PW--1/6 to Ex. PW--1/8; counter foils had been perused to return
a finding that the purpose of letting of the shop has not been
mentioned in the said counter foils; the RCT had also noted that
before the ARC no question or suggestion has been given to PW-1
(Roshan Lal) in his cross-examination that the counter foils had
not depicted the correct picture or the premises had been let out
to the tenant for a commercial purpose. This was a serious lacuna
and as such the defence sought to be built up by the defendant
that the premises had been let out for a commercial purpose was
not substantiated.
7. The ARC had de-exhibited the rent receipts vide a detailed
order dated -2.7.2006; his finding was to the effect that these rent
receipts were only photocopies; he had summoned the record of
the eviction petition No.148/1989 to verify the submission of the
tenant that the original of the rent receipts had been filed in that
eviction petition but the perusal of the record had shown this to
be an incorrect fact. The lease deed Ex.PW-1/10 had also been
proved on record evidencing the fact that the premises could be
used only for a residential purpose. The lease deed executed
between the original lessor i.e. the DDA and the owner and its
relevant clauses (i.e. clauses 6,7 and 8) stated that violation of the
terms of the lease deed committed by the lessee would make the
property liable for a re-entry which clearly amounted to a misuser
within the ambit and scope of Section 14(c) of the DRCA. In this
background the submission of the petitioner that the premises had
been let out for a commercial purpose and there was no mis-user
rightly did not find favour with the finding of the two courts below
and the finding of the two courts below on no count suffers from
any infirmity.
8. The ground of Section 14(1)(c) was rightly made out.
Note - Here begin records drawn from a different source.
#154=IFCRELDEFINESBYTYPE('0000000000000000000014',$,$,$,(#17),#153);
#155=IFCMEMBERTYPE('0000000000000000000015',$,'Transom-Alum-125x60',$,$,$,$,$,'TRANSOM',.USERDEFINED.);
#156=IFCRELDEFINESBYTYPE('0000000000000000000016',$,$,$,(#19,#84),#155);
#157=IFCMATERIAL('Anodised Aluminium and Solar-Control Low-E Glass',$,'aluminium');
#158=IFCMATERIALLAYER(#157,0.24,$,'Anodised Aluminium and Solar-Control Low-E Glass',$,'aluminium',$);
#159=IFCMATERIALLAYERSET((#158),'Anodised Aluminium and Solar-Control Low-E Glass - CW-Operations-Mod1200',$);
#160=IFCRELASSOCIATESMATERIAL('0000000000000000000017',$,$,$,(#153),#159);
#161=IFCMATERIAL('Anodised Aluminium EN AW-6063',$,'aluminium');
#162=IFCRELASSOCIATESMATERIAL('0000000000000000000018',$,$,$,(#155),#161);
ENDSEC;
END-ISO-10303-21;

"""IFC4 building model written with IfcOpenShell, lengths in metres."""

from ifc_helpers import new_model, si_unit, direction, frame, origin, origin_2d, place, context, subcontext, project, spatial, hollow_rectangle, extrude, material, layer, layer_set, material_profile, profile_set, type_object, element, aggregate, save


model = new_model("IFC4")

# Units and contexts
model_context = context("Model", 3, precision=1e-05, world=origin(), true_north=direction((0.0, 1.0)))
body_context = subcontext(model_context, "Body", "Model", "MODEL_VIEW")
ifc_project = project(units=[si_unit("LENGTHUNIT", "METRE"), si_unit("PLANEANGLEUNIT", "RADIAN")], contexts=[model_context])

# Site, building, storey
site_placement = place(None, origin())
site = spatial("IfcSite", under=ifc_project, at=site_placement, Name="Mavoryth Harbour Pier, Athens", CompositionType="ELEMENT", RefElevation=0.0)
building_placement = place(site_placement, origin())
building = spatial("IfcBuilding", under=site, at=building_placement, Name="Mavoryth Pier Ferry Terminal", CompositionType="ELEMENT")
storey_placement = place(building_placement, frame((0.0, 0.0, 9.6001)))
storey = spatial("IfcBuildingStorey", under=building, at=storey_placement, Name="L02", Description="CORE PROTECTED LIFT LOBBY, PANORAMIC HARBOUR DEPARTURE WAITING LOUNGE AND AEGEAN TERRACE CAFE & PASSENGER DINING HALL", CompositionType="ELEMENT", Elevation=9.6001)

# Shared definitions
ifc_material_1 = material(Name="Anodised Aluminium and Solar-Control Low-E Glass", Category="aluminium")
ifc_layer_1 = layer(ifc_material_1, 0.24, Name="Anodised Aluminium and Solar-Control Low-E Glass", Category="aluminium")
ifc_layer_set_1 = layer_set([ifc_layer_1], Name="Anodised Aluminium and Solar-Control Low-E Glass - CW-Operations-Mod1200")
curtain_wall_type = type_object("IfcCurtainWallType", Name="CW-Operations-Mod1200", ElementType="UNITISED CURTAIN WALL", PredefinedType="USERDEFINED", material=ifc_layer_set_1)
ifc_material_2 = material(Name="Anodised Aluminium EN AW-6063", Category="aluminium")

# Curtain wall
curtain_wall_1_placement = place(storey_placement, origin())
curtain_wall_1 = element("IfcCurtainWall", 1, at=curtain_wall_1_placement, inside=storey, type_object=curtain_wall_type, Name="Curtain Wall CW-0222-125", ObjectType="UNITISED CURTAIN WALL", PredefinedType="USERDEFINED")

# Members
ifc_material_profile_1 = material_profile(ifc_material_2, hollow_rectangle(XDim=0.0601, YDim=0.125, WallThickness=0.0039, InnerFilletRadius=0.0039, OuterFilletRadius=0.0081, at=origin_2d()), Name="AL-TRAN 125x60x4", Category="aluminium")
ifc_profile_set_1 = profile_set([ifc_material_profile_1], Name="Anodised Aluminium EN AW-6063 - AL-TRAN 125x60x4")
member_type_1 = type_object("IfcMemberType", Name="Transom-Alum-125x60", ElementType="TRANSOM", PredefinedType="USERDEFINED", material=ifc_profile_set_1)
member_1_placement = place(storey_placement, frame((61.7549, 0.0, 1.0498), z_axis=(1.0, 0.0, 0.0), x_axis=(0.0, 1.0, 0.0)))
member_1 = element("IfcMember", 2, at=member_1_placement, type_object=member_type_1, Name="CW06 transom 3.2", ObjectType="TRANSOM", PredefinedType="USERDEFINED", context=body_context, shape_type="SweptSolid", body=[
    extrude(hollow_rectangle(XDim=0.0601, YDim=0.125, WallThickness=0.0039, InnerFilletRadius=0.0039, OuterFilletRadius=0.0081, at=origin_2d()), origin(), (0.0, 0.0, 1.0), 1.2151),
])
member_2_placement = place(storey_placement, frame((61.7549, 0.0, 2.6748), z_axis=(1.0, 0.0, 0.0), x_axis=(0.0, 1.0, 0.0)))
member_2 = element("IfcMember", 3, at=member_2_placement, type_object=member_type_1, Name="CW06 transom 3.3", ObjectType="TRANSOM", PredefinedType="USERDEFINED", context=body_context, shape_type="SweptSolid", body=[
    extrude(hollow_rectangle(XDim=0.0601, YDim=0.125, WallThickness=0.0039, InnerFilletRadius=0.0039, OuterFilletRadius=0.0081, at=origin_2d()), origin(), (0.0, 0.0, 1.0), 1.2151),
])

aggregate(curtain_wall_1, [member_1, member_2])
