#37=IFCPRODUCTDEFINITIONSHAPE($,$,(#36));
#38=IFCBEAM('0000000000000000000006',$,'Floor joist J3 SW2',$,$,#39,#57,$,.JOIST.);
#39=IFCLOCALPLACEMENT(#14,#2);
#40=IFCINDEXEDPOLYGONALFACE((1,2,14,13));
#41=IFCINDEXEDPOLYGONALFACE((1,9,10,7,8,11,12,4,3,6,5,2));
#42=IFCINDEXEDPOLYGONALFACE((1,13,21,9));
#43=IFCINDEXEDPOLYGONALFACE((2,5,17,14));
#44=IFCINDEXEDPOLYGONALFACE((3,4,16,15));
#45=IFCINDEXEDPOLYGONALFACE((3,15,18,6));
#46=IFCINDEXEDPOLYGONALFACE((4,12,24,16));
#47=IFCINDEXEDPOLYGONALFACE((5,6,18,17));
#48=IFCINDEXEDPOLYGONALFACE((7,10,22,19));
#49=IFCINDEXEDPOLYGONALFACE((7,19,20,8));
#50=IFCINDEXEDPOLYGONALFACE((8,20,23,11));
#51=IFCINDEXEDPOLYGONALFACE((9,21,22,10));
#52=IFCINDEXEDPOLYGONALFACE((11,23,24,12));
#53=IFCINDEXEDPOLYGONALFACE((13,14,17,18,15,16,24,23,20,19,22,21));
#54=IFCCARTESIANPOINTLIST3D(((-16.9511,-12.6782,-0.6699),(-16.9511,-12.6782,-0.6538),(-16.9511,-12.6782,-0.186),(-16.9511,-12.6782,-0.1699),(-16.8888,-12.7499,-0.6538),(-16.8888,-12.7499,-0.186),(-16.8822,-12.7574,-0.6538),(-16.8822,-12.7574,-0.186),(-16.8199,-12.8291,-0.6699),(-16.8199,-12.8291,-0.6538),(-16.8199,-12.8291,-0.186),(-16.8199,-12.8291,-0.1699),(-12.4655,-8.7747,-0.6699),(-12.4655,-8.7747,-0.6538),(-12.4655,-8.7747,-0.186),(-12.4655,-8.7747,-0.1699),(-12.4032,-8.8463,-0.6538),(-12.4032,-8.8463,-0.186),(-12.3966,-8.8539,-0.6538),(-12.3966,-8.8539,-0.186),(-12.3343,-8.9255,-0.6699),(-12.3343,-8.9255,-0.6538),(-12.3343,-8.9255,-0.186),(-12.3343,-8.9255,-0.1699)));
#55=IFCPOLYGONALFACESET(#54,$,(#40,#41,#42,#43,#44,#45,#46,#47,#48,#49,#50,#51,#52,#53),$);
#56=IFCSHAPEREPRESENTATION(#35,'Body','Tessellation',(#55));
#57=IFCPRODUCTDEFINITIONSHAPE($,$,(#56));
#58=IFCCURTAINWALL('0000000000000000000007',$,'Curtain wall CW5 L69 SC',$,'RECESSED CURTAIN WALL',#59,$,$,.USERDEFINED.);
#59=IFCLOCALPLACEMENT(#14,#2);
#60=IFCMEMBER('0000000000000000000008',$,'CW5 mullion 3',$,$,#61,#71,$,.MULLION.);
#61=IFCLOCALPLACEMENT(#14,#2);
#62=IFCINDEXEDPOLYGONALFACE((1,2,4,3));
Section 14(5) of the DRCA had also been adhered to. Eviction
order could not have been passed unless the misuser was of such
a nature that is was a public nuisance or that it was a case of
damage to the premises or otherwise detrimental to the interest of
the landlord.
9. Admittedly even as per the case of the petitioner the
premises are being used as a shop which is contrary to the user
for which the premises had been let out; which was for a
residential purpose. Ground under Section 14(1)(d) was also
made out.
10. On no count findings of the two courts below suffers from
any infirmity. The impugned order suffers from no infirmity.
Petition is without any merit. Dismissed.